Techno-economic assessment of retrofitting indirect-heated calcium looping using coal and biomass as fuels into an existing cement plant for CO2 capture

Abstract

The indirect-heated calcium carbonate looping (IH-CCL) process is an advanced carbon capture technology. It eliminates the need of an energy-intensive air separation unit that is required in the conventional oxy-fired calcium carbonate looping process, thereby potentially leading to lower energy consumption and cost. The IH-CCL process has not been well studied for application in the existing cement industry with minimized modification to the current plant. This paper presents a techno-economic feasibility assessment of retrofitting IH-CCL into an existing cement plant to better understand the CO2 emission reduction, energy performance, and economic costs.
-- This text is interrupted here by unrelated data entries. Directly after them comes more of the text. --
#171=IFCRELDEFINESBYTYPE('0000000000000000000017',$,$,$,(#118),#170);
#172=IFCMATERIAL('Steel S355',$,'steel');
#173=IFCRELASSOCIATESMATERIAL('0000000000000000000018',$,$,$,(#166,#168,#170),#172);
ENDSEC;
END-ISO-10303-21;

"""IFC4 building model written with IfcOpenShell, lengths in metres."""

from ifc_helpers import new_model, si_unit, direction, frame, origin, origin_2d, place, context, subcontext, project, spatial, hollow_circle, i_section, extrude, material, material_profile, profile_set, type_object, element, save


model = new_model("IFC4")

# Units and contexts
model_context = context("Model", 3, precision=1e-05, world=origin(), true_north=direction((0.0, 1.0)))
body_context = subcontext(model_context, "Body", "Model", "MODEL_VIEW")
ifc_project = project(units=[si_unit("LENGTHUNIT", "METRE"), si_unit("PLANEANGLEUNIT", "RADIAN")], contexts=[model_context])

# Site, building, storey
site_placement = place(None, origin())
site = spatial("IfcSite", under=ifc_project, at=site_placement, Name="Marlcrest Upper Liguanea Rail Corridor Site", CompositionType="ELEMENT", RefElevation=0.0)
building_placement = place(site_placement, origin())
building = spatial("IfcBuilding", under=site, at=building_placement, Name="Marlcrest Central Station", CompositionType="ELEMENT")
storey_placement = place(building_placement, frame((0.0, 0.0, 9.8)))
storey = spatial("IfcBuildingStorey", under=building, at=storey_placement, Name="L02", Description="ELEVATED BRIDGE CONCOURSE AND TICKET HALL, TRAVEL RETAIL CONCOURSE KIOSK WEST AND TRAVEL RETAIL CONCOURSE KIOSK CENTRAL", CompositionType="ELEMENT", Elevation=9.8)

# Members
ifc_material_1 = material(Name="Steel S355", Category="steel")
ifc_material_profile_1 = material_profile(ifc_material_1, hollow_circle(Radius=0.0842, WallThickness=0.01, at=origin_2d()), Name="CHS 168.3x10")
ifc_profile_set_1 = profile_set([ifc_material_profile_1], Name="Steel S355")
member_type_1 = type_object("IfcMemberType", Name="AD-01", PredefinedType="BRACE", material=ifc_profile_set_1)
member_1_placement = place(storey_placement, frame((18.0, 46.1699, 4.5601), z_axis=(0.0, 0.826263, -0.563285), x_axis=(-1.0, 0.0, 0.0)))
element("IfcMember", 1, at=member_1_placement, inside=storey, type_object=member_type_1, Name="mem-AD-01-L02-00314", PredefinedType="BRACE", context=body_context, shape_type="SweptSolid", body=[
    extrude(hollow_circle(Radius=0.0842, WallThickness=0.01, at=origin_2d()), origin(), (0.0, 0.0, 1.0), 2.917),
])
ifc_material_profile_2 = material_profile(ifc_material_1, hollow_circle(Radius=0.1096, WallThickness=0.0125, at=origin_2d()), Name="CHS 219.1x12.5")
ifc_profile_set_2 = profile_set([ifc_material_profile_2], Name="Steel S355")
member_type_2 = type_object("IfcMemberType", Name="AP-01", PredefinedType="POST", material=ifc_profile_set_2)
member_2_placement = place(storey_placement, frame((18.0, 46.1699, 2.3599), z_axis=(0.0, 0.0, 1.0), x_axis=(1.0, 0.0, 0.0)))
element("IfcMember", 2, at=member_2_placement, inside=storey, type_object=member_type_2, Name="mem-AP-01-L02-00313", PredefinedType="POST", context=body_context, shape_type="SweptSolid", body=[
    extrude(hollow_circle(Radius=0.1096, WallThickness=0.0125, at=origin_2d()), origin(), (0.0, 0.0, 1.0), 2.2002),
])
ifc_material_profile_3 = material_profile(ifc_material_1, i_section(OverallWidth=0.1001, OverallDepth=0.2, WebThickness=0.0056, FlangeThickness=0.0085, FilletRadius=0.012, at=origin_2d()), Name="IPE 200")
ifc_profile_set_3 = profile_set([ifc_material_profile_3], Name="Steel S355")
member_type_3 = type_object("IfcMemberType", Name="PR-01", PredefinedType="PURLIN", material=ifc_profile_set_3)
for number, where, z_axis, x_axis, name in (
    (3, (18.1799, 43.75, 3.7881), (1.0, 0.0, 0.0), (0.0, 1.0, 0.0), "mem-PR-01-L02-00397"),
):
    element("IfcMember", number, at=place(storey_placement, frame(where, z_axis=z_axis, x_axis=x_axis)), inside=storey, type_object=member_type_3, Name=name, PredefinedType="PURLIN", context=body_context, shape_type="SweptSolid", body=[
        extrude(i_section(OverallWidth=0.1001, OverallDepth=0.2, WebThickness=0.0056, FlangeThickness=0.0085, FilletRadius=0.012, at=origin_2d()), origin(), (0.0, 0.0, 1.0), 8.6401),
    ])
Solid waste-derived fuel (SWDF) containing 90–95% of wood is burnt for pre-calcination. Thermal coal is applied in the rotary kiln at which clinker is formed at a higher temperature. A model for process simulation using Aspen Plus and techno-economic analysis was established to supply options to the current cement plant based on different targets in CO2 capture (>80%) and the capital cost. Three integration scenarios, including the downstream integration, tail-end integration, and the full integration, were analyzed. A sensitivity analysis of the cost of CO2 avoided (CCA) was also performed, which revealed that the IH-CCL tail-end integration is recommended for retrofitting to existing cement plants due to the lowest CCA and very minor impact on the existing cement manufacture process. It was also concluded that although the full integration scenario offers the lowest specific primary energy consumption for CO2 avoided (SPECCA) and clinker cost, it may better suit greenfield cement plants as this option requires significant modifications.